If you have a candid and well-informed friend among city lawyers, ask him where the best masters of his profession are bred,—in the city or in the country. He will reply without hesitation, “In the country.” You will hardly need to have him state the reason. The country lawyer has been obliged to study all parts of the law alike, and he has known no reason why he should not do so. He has not had the chance to make himself a specialist in any one branch of the law, as is the fashion among city practitioners, and he has not coveted the opportunity to do it. There would not have been enough special cases to occupy or remunerate him if he had coveted it. He has dared attempt the task of knowing the whole law, and yet without any sense of daring, but as a matter of course. In his own little town, in the midst of his own small library of authorities, it has not seemed to him an impossible task to explore all the topics that engage his profession; the guiding principles, at any rate, of all branches of the great subject were open to him in a few books. And so it often happens that when he has found his sea legs on the sequestered inlets at home, and ventures, as he sometimes will, upon the great, troublous, and much-frequented waters of city practice in search of more work and larger fees, the country lawyer will once and again confound his city-bred brethren by discovering to them the fact that the law is a many-sided thing of principles, and not altogether a one-sided thing of technical rule and arbitrary precedent.

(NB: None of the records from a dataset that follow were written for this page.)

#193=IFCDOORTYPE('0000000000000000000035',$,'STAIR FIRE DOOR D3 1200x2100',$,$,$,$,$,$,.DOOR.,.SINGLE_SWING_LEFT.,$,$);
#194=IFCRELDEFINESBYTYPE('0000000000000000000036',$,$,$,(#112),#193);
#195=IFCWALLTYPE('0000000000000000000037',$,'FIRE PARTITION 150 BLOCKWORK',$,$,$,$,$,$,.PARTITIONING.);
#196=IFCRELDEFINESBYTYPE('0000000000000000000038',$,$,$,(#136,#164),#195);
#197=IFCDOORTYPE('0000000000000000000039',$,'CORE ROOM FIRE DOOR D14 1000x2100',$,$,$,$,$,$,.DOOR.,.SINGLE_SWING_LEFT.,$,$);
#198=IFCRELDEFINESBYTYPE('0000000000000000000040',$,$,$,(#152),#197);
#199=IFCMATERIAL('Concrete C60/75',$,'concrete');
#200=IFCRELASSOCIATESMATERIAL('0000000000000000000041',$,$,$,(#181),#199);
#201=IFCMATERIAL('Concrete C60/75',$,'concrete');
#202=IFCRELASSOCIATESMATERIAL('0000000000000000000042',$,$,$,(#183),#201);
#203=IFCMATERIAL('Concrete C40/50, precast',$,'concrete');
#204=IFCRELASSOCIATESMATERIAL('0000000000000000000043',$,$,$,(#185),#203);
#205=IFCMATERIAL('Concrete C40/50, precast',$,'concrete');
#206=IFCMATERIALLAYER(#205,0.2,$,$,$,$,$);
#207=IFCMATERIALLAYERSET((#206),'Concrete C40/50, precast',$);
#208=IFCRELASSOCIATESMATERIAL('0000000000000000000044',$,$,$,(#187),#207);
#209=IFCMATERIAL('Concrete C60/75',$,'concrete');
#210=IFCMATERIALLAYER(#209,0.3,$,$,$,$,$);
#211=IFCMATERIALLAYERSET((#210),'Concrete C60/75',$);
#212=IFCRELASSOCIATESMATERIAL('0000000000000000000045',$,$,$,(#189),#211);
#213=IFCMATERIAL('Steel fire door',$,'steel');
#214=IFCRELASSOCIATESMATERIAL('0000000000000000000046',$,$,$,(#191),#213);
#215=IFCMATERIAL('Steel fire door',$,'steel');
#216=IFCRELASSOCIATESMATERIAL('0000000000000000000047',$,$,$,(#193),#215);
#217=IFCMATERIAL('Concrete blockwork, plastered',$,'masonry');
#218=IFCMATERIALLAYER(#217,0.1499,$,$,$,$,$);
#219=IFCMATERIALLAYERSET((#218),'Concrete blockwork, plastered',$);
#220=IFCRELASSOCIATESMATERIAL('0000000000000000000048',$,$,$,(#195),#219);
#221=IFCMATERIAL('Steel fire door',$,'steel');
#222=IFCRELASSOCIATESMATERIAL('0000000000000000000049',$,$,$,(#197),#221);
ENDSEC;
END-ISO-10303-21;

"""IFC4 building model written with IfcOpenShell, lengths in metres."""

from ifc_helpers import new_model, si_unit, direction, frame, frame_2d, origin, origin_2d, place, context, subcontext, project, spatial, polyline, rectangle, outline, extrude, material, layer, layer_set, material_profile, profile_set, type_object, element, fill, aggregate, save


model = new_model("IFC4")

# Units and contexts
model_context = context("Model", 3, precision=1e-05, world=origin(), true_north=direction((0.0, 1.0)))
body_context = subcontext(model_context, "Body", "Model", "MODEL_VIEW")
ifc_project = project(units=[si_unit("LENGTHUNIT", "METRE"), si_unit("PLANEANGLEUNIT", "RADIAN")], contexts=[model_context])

It would seem to be necessary that the author who is to stand as a distinct and imperative individual among the company of those who express the world’s thought should come to a hard crystallization before subjecting himself to the tense strain of cities, the corrosive acids of critical circles. The ability to see for one’s self is attainable, not by mixing with crowds and ascertaining how they look at things, but by a certain aloofness and self-containment. The solitariness of some genius is not accidental; it is characteristic and essential. To the constructive imagination there are some immortal feats which are possible only in seclusion. The man must heed first and most of all the suggestions of his own spirit; and the world can be seen from windows overlooking the street better than from the street itself.

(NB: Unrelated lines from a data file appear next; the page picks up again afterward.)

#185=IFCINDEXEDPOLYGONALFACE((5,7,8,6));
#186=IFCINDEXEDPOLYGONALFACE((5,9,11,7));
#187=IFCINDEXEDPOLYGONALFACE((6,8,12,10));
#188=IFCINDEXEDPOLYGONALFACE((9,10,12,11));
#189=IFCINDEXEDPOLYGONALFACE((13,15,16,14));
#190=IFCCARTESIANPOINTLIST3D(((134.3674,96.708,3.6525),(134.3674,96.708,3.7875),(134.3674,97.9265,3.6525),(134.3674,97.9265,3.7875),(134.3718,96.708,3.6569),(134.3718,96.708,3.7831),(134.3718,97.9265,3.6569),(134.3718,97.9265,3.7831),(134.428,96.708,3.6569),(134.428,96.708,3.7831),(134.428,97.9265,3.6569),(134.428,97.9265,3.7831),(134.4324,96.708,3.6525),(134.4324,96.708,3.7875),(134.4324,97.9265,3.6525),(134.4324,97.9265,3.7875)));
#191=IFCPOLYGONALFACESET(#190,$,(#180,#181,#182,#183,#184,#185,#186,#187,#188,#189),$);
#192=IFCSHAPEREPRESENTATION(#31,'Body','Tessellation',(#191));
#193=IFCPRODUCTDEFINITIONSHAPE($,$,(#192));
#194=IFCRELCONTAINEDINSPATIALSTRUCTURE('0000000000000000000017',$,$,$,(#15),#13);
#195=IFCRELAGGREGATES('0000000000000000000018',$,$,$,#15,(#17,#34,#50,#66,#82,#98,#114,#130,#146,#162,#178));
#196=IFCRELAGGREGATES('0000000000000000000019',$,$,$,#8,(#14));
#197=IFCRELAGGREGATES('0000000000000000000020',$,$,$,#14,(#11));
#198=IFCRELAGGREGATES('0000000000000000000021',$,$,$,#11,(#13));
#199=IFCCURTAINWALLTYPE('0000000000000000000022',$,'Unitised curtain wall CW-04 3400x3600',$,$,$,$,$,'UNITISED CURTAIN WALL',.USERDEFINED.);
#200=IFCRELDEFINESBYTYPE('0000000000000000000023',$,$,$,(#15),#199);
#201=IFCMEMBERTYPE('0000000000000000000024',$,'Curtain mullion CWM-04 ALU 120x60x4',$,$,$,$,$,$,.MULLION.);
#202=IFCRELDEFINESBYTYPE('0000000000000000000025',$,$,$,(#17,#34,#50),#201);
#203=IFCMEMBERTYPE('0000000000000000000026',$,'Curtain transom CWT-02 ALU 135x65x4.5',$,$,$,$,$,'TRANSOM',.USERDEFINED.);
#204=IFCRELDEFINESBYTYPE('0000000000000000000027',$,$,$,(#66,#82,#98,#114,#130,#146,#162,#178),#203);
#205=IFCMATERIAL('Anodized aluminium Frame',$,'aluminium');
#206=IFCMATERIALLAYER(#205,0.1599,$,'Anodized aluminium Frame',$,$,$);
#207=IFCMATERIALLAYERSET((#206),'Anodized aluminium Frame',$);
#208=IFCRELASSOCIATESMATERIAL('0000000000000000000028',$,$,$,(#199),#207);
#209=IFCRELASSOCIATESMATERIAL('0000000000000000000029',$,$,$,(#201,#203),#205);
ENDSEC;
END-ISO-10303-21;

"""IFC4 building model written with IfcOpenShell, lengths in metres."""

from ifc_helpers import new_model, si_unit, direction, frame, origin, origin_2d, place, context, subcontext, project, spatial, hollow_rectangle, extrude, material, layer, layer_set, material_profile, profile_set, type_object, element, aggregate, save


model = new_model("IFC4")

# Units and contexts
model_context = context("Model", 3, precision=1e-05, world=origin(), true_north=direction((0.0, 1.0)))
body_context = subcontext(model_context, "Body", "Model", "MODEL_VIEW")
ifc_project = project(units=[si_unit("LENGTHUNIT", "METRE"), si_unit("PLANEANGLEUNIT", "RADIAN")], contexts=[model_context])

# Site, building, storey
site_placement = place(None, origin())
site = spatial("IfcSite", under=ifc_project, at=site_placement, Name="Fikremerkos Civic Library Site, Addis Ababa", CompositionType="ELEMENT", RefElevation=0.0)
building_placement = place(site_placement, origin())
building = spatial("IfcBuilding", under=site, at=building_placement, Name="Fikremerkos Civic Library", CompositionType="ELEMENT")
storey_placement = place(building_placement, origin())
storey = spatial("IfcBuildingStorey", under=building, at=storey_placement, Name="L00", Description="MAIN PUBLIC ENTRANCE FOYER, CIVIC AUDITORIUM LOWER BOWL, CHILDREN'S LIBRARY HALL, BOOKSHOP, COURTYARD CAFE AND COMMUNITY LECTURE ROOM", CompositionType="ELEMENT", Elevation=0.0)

Literature grows rich, various, full-voiced largely through the re-discovery of truth, by thinking re-thought, by stories re-told, by songs re-sung. The song of human experience grows richer and richer in its harmonies, and must grow until the full accord and melody are come. If too soon subjected to the tense strain of the city, a man cannot expand; he is beaten out of his natural shape by the incessant impact and press of men and affairs. It will often turn out that the unsophisticated man will display not only more force, but more literary skill even, than the trained littérateur. For one thing, he will probably have enjoyed a fresher contact with old literature. He reads not for the sake of a critical acquaintance with this or that author, with no thought of going through all his writings and “working him up,” but as he would ride a spirited horse, for love of the life and motion of it.